# Duck stamp placement?????



## DuckGodLiaison (Sep 1, 2009)

I got a question.  My hunting license and GA Waterfowl permit is still good and hasnt expired from last year.......Do I place my new duck stamp over last years??  But then what do I do when i get my new one?  SHould I just sign it and then not affix it to anything until I get my new license?  HELP?


----------



## Nitro (Sep 1, 2009)

It should be signed and affixed to your license. I witnessed a ticket being written for a non affixed stamp- they are non transferable - which means from person to person and from year to year....

Just yet another great Fed policy designed to scrooge all of us.


----------



## DuckGodLiaison (Sep 1, 2009)

yeah but what about when i get my new license.....halfway through the season.....i shouldnt have to buy a new stamp.  and i can't peel it off the old one.........?


----------



## georgiaboy (Sep 1, 2009)

DGL, I asked the same question to a GW earlier this year.  She got a good laugh about it.  Her response was: "What does affixed mean?  Doesn't say it has to be stuck on."  She advised I invest in a stapler or paperclip, ha ha.  

I am using my stamp from last year until I fetch a new one.  Mine is good for a couple of months.  However, I am the proud owner of a lifetime license now which is a plastic card.  I plan to clip my stamp on (after signing my stamp of course) and keeping it with my HIP and deer harvest printout.  

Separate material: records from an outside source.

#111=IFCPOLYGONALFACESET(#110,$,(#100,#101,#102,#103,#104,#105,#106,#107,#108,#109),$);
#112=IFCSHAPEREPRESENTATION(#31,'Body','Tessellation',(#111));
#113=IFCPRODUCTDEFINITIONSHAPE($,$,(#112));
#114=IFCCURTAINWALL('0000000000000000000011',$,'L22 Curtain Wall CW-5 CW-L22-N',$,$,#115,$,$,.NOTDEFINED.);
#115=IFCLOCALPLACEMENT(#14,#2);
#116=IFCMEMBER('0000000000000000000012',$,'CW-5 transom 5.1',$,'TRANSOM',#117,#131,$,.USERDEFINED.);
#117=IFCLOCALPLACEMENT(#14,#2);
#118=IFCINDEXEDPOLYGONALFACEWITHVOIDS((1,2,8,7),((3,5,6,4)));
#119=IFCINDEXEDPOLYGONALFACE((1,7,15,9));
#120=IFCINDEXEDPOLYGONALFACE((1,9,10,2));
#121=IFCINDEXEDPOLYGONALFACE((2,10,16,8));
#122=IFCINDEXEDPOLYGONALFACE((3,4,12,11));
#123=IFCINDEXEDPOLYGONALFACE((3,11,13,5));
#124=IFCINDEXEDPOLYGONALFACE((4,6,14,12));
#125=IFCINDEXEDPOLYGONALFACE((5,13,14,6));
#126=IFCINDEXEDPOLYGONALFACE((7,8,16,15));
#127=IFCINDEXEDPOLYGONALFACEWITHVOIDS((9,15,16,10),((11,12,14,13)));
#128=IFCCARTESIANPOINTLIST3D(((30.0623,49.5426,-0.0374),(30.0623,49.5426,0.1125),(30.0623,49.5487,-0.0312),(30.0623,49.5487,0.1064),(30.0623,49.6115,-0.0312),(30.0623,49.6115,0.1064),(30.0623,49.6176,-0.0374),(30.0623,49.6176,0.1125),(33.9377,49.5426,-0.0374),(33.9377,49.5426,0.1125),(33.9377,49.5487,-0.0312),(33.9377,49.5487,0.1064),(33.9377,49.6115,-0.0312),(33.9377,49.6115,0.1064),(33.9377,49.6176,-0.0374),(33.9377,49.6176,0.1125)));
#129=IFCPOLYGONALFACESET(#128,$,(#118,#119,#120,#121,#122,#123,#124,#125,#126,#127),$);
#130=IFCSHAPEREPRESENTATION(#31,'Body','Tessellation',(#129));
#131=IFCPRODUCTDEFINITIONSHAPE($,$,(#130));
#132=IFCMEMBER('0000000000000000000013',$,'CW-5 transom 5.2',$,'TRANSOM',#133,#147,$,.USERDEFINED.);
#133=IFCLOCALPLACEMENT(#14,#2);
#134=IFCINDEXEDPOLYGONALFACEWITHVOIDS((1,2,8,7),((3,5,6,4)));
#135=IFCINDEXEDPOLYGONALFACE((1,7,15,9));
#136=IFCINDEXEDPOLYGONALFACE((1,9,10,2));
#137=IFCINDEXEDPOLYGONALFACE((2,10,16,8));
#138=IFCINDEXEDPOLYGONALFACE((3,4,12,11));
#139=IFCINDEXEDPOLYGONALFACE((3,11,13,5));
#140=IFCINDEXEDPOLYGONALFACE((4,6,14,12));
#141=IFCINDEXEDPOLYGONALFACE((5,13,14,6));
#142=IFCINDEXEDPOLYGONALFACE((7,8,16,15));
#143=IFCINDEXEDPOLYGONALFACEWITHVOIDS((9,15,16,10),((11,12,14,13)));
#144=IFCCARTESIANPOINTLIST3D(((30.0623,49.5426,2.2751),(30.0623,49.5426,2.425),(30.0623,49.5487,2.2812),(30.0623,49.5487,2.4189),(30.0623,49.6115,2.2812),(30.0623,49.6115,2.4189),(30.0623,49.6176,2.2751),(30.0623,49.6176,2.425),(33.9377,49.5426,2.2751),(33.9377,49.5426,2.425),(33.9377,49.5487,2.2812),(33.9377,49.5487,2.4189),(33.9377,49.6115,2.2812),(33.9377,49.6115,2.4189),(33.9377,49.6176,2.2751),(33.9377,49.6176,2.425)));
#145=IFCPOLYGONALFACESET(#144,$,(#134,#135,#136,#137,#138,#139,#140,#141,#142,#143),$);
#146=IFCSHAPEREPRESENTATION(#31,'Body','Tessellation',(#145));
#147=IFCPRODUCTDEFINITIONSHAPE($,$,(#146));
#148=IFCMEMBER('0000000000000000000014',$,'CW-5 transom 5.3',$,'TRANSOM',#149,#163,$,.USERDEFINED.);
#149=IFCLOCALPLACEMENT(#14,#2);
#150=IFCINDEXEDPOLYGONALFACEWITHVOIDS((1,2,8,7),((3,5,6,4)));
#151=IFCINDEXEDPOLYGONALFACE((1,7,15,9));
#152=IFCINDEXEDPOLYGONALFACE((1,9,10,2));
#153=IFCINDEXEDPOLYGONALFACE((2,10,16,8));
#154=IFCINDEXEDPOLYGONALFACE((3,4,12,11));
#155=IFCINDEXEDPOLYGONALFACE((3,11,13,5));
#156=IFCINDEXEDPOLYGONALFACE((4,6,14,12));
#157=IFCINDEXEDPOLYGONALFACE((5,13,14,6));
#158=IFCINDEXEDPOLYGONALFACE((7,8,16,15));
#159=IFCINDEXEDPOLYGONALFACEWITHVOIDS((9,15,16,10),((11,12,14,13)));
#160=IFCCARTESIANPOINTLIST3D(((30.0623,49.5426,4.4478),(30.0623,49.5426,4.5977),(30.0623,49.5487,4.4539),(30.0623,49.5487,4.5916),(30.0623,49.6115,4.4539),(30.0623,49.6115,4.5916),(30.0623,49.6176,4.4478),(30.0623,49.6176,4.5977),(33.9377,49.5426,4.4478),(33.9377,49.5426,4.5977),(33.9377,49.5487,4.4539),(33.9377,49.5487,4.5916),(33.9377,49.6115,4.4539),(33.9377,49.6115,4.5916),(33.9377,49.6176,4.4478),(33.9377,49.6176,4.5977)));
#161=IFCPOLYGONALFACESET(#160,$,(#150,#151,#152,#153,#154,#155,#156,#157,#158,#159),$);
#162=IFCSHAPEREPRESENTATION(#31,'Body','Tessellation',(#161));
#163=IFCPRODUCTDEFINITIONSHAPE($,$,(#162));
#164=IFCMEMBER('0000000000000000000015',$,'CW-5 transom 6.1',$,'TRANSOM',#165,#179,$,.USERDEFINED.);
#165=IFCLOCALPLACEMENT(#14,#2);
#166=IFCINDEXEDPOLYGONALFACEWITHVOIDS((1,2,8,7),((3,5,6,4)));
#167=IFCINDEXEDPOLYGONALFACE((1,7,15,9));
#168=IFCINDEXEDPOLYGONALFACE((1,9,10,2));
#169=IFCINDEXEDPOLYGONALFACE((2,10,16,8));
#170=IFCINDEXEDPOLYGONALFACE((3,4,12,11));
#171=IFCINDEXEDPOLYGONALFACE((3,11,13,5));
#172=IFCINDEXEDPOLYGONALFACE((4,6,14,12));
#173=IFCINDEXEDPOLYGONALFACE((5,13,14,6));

Of course, the words of one GW doesn't equate to law and its not a judge's ruling... but I bet you would be safe as long as its affixed and signed.


----------



## Gut_Pile (Sep 1, 2009)

georgiaboy said:


> I am using my stamp from last year until I fetch a new one.  Mine is good for a couple of months.

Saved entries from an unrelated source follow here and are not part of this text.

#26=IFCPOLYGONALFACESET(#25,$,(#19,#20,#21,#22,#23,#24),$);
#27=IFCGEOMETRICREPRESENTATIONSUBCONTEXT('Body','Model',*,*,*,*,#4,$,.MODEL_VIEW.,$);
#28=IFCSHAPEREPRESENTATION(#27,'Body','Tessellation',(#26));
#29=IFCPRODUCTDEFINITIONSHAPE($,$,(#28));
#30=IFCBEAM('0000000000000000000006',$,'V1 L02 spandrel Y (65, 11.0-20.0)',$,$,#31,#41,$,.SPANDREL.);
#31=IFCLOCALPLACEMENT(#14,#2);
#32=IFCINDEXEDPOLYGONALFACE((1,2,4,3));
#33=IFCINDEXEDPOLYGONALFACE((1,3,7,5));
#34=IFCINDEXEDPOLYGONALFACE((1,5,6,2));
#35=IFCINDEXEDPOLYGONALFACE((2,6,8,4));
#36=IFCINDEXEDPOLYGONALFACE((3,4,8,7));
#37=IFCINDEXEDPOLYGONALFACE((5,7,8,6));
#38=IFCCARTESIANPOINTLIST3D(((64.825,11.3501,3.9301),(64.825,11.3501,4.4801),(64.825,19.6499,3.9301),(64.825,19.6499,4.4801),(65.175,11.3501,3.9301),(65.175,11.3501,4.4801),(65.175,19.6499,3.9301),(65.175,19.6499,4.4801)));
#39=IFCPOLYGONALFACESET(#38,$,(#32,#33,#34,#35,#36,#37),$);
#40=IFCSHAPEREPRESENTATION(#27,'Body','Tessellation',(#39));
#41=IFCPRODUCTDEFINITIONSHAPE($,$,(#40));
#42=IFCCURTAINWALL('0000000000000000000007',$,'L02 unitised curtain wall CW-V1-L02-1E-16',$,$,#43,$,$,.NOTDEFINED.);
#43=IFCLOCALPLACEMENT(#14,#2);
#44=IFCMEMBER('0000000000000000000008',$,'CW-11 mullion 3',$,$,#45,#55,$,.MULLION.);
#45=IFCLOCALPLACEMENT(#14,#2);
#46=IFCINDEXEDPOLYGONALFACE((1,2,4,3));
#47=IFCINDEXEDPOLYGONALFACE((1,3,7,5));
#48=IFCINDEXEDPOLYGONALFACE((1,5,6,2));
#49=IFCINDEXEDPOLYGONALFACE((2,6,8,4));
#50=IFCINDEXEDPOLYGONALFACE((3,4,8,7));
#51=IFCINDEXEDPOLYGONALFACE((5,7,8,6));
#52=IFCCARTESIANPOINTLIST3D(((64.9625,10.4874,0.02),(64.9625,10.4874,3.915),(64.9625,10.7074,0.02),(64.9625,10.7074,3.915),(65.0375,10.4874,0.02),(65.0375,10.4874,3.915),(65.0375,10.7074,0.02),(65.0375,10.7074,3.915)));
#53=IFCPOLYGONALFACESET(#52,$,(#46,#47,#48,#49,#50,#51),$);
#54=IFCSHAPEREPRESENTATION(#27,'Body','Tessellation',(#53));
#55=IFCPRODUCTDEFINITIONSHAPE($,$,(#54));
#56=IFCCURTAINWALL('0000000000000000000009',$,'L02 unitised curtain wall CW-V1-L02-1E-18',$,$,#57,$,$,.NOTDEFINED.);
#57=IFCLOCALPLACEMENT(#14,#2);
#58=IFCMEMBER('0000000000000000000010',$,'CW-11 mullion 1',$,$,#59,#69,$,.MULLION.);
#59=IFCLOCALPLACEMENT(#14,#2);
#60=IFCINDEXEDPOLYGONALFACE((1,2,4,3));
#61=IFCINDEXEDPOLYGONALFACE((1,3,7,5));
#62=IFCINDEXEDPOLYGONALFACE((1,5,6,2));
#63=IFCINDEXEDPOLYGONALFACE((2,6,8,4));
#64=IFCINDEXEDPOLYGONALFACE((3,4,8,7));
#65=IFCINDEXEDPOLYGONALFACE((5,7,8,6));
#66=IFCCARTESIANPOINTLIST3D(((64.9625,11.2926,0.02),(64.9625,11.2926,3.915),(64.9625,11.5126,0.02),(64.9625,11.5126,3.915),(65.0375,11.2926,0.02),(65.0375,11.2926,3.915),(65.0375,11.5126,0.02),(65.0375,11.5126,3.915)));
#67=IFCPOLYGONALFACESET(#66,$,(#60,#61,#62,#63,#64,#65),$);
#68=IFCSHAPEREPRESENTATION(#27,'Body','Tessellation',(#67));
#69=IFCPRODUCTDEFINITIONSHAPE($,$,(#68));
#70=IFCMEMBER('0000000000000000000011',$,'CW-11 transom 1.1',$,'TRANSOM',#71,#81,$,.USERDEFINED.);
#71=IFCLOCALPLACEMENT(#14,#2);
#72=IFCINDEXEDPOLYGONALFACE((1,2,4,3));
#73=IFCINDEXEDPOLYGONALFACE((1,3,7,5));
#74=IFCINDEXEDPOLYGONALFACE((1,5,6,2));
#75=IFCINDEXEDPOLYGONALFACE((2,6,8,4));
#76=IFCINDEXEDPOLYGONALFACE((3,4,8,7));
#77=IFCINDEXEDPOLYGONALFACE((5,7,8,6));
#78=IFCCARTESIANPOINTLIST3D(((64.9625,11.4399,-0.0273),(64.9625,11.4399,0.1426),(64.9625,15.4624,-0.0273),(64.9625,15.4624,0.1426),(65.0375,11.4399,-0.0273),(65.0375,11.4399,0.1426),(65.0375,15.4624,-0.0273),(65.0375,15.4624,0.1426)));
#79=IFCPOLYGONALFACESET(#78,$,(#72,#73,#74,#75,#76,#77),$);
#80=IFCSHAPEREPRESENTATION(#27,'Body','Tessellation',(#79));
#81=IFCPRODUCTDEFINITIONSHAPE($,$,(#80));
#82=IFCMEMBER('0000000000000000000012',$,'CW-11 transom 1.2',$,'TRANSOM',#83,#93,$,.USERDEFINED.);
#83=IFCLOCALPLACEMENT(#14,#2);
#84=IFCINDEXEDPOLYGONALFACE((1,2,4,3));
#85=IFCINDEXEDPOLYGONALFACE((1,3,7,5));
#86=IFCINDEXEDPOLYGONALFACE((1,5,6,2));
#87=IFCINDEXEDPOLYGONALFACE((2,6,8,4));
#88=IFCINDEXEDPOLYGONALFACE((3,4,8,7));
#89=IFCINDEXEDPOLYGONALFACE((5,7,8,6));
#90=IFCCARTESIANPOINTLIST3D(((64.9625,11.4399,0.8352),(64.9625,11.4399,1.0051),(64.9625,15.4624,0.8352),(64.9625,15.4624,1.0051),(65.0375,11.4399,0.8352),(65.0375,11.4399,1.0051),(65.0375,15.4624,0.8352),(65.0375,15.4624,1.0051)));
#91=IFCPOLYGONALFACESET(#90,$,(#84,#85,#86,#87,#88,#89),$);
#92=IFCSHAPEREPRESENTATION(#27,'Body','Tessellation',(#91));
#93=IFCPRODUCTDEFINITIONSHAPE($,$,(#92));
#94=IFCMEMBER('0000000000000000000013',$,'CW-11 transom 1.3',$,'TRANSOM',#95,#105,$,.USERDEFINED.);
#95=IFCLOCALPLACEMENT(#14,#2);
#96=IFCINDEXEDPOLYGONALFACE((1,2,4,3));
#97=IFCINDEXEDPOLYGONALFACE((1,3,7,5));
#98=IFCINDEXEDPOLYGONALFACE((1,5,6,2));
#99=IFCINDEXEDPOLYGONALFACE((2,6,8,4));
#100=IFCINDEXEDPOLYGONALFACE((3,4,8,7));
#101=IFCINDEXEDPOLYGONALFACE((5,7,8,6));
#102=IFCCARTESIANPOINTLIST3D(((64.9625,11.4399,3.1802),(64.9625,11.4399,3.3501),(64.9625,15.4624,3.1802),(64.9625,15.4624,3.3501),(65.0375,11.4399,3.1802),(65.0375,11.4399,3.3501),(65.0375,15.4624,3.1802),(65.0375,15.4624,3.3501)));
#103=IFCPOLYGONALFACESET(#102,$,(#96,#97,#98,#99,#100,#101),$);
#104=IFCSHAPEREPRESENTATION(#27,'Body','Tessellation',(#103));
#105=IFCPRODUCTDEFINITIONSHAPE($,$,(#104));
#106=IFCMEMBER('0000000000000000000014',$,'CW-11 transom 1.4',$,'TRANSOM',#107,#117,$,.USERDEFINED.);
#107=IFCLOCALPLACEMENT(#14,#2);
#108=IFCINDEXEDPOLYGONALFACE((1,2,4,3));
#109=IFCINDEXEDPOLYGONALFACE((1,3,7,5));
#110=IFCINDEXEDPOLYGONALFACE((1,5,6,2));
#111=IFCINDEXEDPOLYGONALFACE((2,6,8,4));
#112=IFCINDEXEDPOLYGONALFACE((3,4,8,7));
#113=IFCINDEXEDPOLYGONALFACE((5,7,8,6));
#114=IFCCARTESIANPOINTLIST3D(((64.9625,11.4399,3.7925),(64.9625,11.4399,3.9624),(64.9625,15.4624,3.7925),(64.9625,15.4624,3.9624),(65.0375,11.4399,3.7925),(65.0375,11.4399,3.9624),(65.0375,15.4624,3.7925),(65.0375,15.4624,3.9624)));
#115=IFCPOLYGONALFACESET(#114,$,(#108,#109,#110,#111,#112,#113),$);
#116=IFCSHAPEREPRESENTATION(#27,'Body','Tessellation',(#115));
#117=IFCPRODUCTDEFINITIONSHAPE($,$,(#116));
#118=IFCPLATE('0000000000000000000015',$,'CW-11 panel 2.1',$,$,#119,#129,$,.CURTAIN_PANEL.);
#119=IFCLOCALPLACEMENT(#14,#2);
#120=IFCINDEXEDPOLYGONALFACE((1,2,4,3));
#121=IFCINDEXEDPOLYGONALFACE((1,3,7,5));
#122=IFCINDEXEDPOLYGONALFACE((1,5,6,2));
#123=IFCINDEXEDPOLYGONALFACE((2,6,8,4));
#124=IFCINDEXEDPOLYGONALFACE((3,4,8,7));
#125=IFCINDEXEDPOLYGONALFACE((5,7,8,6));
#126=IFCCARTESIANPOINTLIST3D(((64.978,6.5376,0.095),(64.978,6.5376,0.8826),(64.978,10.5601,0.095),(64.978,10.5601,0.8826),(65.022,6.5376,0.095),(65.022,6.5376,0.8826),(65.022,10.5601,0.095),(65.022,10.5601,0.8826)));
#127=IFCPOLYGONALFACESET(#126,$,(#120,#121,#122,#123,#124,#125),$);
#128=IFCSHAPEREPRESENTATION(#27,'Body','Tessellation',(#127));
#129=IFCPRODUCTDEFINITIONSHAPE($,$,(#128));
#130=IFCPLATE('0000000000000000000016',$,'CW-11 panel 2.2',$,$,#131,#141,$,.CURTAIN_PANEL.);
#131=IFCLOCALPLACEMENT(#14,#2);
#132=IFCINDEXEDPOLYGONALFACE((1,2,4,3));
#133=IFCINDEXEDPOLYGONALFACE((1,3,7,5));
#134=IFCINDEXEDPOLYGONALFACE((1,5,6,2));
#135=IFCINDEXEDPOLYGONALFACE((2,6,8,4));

Your stamp expired June 30th. It does not last for a full year from day of purchase. You have to get a new one before saturday


----------



## georgiaboy (Sep 2, 2009)

Is that something new?  I called and got the okay from DNR when I had to check on harvest record.  Not that I trust the call center guys... (but I did write down his name and time/date of call just in case).  Either way, I will probably have my new stamp tomorrow.


----------



## Gut_Pile (Sep 2, 2009)

I'm not talking about your GA waterfowl permit. That lasts for a full year from date of purchase. I'm talking about your federal duck stamp. Look on the stamp it says expires June 30, 2009


----------



## little rascal (Sep 2, 2009)

*stamps*

you have to sign your name across the face on the fed stamps. Game Wardens have checked mine several times ,I fold it and do not stick it. In our case we hunt 2 states as a lot of others hunt several states, so I don't think you would have to stick it. Don't think it matters, just as long as you have it with the other proper credentials. If you stick it(new stamp) on your current license, you will have to carry the old license for the stamp, when you buy new license. I wouldn't stick it, plus I started saving mine and they go in my duck call collection cabinet for keepsake.


----------



## DuckGodLiaison (Sep 2, 2009)

Thanks guys!  Paper clip it is!


----------



## georgiaboy (Sep 2, 2009)

Thanks Gut, I feel like a tard but I had not noticed.  Either way I am getting my new one so I guess it doesn't matter.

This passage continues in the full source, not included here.